# North American O-47



## Snautzer01 (Jan 17, 2015)



Reactions: Bacon Bacon:
1 | Like Like:
1 | Like List reactions


----------



## Wurger (Jan 17, 2015)

She's looking like being pregnant.


----------



## Wildcat (Jan 17, 2015)

I personally love the look of the 0-47! It has that classic 30's American look about her

Reactions: Agree Agree:
1 | Like List reactions


----------



## Capt. Vick (Jan 17, 2015)

I guess it IS cool looking in its own fugly way.


----------



## vikingBerserker (Jan 17, 2015)

It does look like a pregnant guppy.


----------



## daveT (Jan 18, 2015)

Any info on where or when the picture was taken?


----------



## daveT (Jan 18, 2015)

O-47 pictures from my files. No info on the pictures

Reactions: Like Like:
3 | Winner Winner:
1 | Like List reactions


----------



## daveT (Jan 18, 2015)

In February 1937, the USAAC let an initial contract for 109 O-47As. North American Aviation closed the factory at Dundalk and opened a new factory at Inglewood, California. All 164 O-47As and all 74 O-47Bs were built there. Most of the aircraft (143) were assigned to National Guard units.

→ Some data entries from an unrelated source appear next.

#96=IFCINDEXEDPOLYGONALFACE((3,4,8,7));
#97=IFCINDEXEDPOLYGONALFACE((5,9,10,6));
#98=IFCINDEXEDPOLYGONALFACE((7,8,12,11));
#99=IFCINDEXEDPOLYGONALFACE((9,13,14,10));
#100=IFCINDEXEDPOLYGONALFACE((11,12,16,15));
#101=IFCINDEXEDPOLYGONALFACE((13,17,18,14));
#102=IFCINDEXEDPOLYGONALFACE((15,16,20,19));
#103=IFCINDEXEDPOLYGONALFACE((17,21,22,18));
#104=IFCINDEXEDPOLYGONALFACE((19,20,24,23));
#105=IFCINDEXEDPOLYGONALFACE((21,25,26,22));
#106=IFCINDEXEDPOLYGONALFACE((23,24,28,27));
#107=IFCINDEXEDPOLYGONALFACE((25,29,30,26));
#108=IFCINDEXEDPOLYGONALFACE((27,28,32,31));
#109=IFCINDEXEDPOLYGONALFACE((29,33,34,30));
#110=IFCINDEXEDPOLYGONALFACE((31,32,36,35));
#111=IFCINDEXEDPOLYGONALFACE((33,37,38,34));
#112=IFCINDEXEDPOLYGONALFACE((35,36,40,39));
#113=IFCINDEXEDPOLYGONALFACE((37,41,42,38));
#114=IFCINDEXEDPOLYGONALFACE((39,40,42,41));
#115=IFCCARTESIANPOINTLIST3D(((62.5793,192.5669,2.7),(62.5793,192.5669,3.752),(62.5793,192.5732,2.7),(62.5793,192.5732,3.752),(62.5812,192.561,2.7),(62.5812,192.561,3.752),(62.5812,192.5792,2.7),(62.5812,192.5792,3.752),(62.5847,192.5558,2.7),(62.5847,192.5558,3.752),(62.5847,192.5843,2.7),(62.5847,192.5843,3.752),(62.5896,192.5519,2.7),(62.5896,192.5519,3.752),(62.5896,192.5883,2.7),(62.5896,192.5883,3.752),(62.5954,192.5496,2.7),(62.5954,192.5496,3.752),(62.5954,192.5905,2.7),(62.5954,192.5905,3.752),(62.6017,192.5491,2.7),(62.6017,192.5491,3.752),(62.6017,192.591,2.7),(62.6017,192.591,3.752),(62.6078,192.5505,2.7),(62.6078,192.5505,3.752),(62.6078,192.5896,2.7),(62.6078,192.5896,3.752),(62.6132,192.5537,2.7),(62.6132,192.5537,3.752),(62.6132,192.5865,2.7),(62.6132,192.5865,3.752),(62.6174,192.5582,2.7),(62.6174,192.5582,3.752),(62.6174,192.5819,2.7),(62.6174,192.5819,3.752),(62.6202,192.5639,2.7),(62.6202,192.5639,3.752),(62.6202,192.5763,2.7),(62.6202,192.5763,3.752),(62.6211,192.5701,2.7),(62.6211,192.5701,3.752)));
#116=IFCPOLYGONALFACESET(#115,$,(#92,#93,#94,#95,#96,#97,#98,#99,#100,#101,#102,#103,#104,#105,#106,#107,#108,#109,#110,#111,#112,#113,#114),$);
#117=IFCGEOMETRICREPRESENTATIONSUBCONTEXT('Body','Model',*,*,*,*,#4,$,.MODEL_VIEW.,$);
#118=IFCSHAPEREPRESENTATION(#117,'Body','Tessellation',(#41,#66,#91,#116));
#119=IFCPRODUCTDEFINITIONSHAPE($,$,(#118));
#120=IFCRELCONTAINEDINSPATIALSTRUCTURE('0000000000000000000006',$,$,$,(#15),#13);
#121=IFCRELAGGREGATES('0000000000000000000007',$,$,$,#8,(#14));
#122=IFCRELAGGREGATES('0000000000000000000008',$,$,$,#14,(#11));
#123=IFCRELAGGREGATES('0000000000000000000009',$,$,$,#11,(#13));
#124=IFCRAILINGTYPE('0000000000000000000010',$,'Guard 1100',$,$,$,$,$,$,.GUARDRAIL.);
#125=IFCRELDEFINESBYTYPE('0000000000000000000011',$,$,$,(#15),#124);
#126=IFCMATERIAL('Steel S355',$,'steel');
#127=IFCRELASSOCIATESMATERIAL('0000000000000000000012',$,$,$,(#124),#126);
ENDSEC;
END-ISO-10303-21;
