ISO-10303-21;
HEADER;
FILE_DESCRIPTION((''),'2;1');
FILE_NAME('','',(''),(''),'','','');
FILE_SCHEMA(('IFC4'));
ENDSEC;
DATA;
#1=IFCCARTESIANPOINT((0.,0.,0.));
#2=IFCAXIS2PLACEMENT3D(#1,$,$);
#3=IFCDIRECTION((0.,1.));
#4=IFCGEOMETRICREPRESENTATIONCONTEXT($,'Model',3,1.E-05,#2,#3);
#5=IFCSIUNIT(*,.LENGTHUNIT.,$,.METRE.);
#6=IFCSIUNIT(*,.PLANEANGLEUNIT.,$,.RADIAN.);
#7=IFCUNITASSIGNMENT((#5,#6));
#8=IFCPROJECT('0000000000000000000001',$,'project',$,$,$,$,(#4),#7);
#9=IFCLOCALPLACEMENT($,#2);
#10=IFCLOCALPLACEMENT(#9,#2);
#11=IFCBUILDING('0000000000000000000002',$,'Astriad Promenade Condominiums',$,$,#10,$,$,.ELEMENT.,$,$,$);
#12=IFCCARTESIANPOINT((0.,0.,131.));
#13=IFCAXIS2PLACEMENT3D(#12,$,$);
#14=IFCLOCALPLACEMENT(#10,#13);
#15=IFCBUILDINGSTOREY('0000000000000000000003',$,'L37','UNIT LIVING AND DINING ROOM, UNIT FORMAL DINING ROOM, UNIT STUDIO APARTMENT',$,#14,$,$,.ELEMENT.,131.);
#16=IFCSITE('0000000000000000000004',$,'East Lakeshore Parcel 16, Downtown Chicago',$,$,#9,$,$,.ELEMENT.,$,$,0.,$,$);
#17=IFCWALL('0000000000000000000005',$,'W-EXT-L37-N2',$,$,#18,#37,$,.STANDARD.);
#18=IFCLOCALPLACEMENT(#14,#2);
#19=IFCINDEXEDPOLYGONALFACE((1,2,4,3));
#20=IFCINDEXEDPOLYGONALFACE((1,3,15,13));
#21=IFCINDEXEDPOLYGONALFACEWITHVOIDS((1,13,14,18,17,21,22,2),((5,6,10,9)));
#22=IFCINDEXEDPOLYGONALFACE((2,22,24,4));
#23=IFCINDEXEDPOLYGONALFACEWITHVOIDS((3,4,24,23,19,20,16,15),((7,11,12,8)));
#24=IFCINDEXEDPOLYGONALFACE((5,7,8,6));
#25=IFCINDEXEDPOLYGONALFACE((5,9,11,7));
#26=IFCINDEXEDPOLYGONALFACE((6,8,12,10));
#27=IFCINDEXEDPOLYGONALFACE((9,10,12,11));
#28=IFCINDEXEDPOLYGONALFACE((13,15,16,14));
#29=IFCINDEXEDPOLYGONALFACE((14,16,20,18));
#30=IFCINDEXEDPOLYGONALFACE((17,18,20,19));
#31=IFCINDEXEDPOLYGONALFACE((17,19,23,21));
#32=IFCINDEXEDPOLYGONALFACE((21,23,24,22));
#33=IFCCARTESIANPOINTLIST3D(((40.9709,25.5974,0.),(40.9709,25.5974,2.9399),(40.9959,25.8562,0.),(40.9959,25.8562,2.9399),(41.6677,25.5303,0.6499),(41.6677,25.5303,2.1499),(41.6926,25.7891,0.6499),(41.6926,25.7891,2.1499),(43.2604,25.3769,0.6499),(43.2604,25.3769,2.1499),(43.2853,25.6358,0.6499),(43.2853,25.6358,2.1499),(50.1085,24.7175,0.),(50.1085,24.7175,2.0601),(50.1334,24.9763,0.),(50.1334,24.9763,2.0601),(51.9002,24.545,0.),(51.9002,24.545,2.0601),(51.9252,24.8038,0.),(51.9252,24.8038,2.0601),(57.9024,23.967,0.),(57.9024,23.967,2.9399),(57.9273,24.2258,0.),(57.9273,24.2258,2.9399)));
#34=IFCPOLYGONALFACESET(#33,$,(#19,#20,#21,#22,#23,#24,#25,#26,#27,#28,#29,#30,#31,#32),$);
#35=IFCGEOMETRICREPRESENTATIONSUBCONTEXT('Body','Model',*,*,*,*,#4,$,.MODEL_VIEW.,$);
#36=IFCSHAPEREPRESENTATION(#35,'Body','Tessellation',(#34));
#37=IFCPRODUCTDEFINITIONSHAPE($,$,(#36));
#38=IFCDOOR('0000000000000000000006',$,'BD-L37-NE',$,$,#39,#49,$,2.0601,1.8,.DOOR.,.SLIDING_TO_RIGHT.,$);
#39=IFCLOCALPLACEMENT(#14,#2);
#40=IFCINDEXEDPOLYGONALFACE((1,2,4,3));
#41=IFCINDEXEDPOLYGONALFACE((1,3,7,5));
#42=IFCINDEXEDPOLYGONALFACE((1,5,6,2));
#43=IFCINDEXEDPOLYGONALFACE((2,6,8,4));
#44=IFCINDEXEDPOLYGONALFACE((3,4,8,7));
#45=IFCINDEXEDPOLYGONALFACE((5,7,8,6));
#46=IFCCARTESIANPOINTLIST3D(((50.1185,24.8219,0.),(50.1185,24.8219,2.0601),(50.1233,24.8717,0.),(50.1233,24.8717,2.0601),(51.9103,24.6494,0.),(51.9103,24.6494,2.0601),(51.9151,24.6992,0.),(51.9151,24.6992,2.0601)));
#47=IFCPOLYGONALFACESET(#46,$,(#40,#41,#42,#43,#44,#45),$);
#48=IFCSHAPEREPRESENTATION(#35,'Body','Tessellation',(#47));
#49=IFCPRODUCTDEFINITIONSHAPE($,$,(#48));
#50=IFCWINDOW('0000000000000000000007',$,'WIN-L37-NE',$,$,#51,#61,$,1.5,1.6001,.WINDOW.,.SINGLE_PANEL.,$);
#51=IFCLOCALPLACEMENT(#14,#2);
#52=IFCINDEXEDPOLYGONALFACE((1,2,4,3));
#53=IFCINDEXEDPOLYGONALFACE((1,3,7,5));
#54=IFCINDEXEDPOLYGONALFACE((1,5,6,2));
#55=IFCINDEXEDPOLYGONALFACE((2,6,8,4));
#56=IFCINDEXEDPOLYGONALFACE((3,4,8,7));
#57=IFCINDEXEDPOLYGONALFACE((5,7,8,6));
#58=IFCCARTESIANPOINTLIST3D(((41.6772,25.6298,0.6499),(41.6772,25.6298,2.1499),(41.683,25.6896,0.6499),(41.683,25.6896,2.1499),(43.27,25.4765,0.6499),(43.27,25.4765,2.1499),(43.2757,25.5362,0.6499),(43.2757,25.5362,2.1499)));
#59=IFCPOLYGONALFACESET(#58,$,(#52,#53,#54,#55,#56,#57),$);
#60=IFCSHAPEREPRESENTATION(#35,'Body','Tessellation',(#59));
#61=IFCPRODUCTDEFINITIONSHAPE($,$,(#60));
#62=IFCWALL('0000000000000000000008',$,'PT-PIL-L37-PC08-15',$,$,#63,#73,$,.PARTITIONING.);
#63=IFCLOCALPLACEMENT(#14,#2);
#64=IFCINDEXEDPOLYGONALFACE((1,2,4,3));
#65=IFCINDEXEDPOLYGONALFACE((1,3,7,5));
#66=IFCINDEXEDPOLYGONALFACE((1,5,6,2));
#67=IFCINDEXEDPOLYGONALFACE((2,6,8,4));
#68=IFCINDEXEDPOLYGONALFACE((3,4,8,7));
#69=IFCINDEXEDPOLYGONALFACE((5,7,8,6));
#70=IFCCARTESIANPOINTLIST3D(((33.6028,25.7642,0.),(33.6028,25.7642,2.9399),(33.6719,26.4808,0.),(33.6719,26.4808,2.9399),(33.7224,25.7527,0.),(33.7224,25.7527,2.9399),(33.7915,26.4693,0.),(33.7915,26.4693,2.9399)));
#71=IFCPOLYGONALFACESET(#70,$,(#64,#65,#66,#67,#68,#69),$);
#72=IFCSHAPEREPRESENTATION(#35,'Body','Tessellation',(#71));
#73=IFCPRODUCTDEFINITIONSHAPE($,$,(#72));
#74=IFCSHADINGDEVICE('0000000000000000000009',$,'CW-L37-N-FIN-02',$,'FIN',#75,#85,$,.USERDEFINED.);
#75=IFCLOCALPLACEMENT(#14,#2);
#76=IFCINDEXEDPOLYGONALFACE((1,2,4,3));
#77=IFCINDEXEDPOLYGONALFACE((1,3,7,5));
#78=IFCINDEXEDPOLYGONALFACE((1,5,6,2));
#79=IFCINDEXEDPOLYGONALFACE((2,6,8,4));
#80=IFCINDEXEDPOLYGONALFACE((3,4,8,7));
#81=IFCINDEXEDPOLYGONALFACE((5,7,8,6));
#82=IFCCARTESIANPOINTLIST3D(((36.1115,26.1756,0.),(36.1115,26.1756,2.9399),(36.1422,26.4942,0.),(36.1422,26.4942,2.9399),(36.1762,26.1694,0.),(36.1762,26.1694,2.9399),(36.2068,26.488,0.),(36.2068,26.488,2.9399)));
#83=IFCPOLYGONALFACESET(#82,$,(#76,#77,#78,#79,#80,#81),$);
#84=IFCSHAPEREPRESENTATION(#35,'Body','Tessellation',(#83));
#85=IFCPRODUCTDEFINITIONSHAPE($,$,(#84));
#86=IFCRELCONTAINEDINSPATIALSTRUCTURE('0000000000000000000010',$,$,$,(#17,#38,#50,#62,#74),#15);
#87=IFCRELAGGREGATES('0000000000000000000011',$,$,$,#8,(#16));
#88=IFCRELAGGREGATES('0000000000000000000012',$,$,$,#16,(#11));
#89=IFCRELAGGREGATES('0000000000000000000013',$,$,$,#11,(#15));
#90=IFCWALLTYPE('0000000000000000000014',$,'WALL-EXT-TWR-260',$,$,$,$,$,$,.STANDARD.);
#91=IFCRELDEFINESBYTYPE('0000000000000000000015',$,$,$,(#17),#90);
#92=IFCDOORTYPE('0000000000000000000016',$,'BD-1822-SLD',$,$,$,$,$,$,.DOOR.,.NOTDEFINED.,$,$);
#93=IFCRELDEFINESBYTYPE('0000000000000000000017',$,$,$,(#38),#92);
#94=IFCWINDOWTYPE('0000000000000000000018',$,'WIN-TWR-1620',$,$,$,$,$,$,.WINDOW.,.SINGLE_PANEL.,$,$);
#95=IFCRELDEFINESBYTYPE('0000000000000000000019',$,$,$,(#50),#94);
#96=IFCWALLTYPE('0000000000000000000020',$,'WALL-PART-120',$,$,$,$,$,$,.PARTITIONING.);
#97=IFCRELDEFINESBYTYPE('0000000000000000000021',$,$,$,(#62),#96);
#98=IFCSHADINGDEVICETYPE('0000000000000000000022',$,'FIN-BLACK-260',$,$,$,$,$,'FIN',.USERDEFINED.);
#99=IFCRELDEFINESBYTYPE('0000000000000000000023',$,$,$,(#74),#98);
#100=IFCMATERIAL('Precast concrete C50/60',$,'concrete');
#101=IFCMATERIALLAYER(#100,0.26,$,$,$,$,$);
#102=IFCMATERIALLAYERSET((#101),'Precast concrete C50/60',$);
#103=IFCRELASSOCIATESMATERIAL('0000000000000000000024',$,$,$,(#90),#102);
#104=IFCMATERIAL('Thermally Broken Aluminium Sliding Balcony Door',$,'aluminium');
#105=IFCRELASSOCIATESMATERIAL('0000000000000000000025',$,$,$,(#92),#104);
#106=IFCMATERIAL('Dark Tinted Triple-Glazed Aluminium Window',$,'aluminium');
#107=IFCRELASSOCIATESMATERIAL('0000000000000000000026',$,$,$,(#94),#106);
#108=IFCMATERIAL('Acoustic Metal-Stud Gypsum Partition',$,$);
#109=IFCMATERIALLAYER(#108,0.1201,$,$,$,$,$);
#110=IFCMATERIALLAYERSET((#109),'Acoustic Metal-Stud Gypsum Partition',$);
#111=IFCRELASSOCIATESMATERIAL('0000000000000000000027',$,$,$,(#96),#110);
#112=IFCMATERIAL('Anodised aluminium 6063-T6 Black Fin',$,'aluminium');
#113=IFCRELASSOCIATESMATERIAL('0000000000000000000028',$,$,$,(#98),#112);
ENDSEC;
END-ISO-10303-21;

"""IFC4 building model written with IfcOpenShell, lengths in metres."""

from ifc_helpers import new_model, si_unit, direction, frame, frame_2d, origin, origin_2d, place, context, subcontext, project, spatial, rectangle, extrude, source, transform, mapped, material, layer, layer_set, type_object, type_shapes, element, fill, save


model = new_model("IFC4")

# Units and contexts
model_context = context("Model", 3, precision=1e-05, world=origin(), true_north=direction((0.0, 1.0)))
body_context = subcontext(model_context, "Body", "Model", "MODEL_VIEW")
ifc_project = project(units=[si_unit("LENGTHUNIT", "METRE"), si_unit("PLANEANGLEUNIT", "RADIAN")], contexts=[model_context])

# Site, building, storey
site_placement = place(None, origin())
site = spatial("IfcSite", under=ifc_project, at=site_placement, Name="East Lakeshore Parcel 16, Downtown Chicago", CompositionType="ELEMENT", RefElevation=0.0)
building_placement = place(site_placement, origin())
building = spatial("IfcBuilding", under=site, at=building_placement, Name="Astriad Promenade Condominiums", CompositionType="ELEMENT")
storey_placement = place(building_placement, frame((0.0, 0.0, 131.0)))
storey = spatial("IfcBuildingStorey", under=building, at=storey_placement, Name="L37", Description="UNIT LIVING AND DINING ROOM, UNIT FORMAL DINING ROOM, UNIT STUDIO APARTMENT", CompositionType="ELEMENT", Elevation=131.0)

# Wall, openings, door, window
ifc_material_1 = material(Name="Precast concrete C50/60", Category="concrete")
ifc_layer_1 = layer(ifc_material_1, 0.26)
ifc_layer_set_1 = layer_set([ifc_layer_1], Name="Precast concrete C50/60")
wall_type_1 = type_object("IfcWallType", Name="WALL-EXT-TWR-260", PredefinedType="STANDARD", material=ifc_layer_set_1)
wall_1_placement = place(storey_placement, frame((40.9834, 25.7268, 0.0), z_axis=(0.0, 0.0, 1.0), x_axis=(0.995396, -0.095849, 0.0)))
wall_1 = element("IfcWall", 1, at=wall_1_placement, inside=storey, type_object=wall_type_1, Name="W-EXT-L37-N2", PredefinedType="STANDARD", context=body_context, shape_type="SweptSolid", body=[
    extrude(rectangle(XDim=17.0098, YDim=0.26, at=frame_2d((8.5049, 0.0))), origin(), (0.0, 0.0, 1.0), 2.9399),
])
opening_1_placement = place(wall_1_placement, frame((9.1799, 0.0, 0.0)))
opening_1 = element("IfcOpeningElement", 2, at=opening_1_placement, cuts=wall_1, PredefinedType="OPENING", context=body_context, shape_type="SweptSolid", body=[
    extrude(rectangle(XDim=1.8, YDim=2.0601, at=frame_2d((0.8999, 1.03))), frame((0.0, 0.1399, 0.0), z_axis=(0.0, -1.0, 0.0), x_axis=(1.0, 0.0, 0.0)), (0.0, 0.0, 1.0), 0.28),
])
opening_2_placement = place(wall_1_placement, frame((0.7, 0.0, 0.6499)))
opening_2 = element("IfcOpeningElement", 3, at=opening_2_placement, cuts=wall_1, PredefinedType="OPENING", context=body_context, shape_type="SweptSolid", body=[
    extrude(rectangle(XDim=1.6001, YDim=1.5, at=frame_2d((0.8, 0.75))), frame((0.0, 0.1399, 0.0), z_axis=(0.0, -1.0, 0.0), x_axis=(1.0, 0.0, 0.0)), (0.0, 0.0, 1.0), 0.28),
])
ifc_material_2 = material(Name="Thermally Broken Aluminium Sliding Balcony Door", Category="aluminium")
door_type = type_object("IfcDoorType", Name="BD-1822-SLD", OperationType="NOTDEFINED", PredefinedType="DOOR", material=ifc_material_2)
shared_shape_1 = source(origin(), body_context, "Body", "SweptSolid", [
    extrude(rectangle(XDim=1.8, YDim=2.0601, at=frame_2d((0.8999, 1.03))), frame((0.0, 0.0249, 0.0), z_axis=(0.0, -1.0, 0.0), x_axis=(1.0, 0.0, 0.0)), (0.0, 0.0, 1.0), 0.05),
])
type_shapes(door_type, [shared_shape_1])
door_placement = place(opening_1_placement, origin())
door = element("IfcDoor", 4, at=door_placement, inside=storey, type_object=door_type, Name="BD-L37-NE", OperationType="SLIDING_TO_RIGHT", OverallHeight=2.0601, OverallWidth=1.8, PredefinedType="DOOR", context=body_context, shape_type="MappedRepresentation", body=[
    mapped(shared_shape_1, transform((0.0, 0.0, 0.0), scale=1.0)),
])
fill(opening_1, door)
ifc_material_3 = material(Name="Dark Tinted Triple-Glazed Aluminium Window", Category="aluminium")
window_type = type_object("IfcWindowType", Name="WIN-TWR-1620", PartitioningType="SINGLE_PANEL", PredefinedType="WINDOW", material=ifc_material_3)
shared_shape_2 = source(origin(), body_context, "Body", "SweptSolid", [
    extrude(rectangle(XDim=1.6001, YDim=1.5, at=frame_2d((0.8, 0.75))), frame((0.0, 0.03, 0.0), z_axis=(0.0, -1.0, 0.0), x_axis=(1.0, 0.0, 0.0)), (0.0, 0.0, 1.0), 0.0601),
])
type_shapes(window_type, [shared_shape_2])
window_placement = place(opening_2_placement, origin())
window = element("IfcWindow", 5, at=window_placement, inside=storey, type_object=window_type, Name="WIN-L37-NE", OverallHeight=1.5, OverallWidth=1.6001, PartitioningType="SINGLE_PANEL", PredefinedType="WINDOW", context=body_context, shape_type="MappedRepresentation", body=[
    mapped(shared_shape_2, transform((0.0, 0.0, 0.0), scale=1.0)),
])
fill(opening_2, window)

The O-47 is somewhat unique in that the USAAC never gave it a name. Four known airframes in the world that are not wreckage. The National Air and Space Museum in Washington, D.C., has one example; another is held by the National Museum of the United States Air Force, Dayton, Ohio; one was last reported under restoration in Chino, California; and one other example.

The crew included a pilot, second pilot, and gunner. The second pilot was rather busy, as he was also radio operator and cameraman. He could fold his seat and drop down into the observer’s station in the aircraft’s belly. The plane proved to be a reliable, stable platform for photography and was known for its rugged dependability.

The O-47 represents a time in US military aviation history when large observation planes were prevalent yet the advances in aircraft performance worldwide rapidly made their designs obsolete. They could not survive in the front-line environments of World War II. This was proven during massive war games in Louisiana and North and South Carolina in 1941. The O-47 and other observation aircraft were too large, too slow, too lightly armed, and lacked maneuverability. They were sitting ducks for fighters. In 1942 the designation “O” for Observation was dropped in favor of the designation “L” for Liaison. This reflected the new, lighter, more maneuverable and more useful liaison aircraft; the “grasshoppers.” 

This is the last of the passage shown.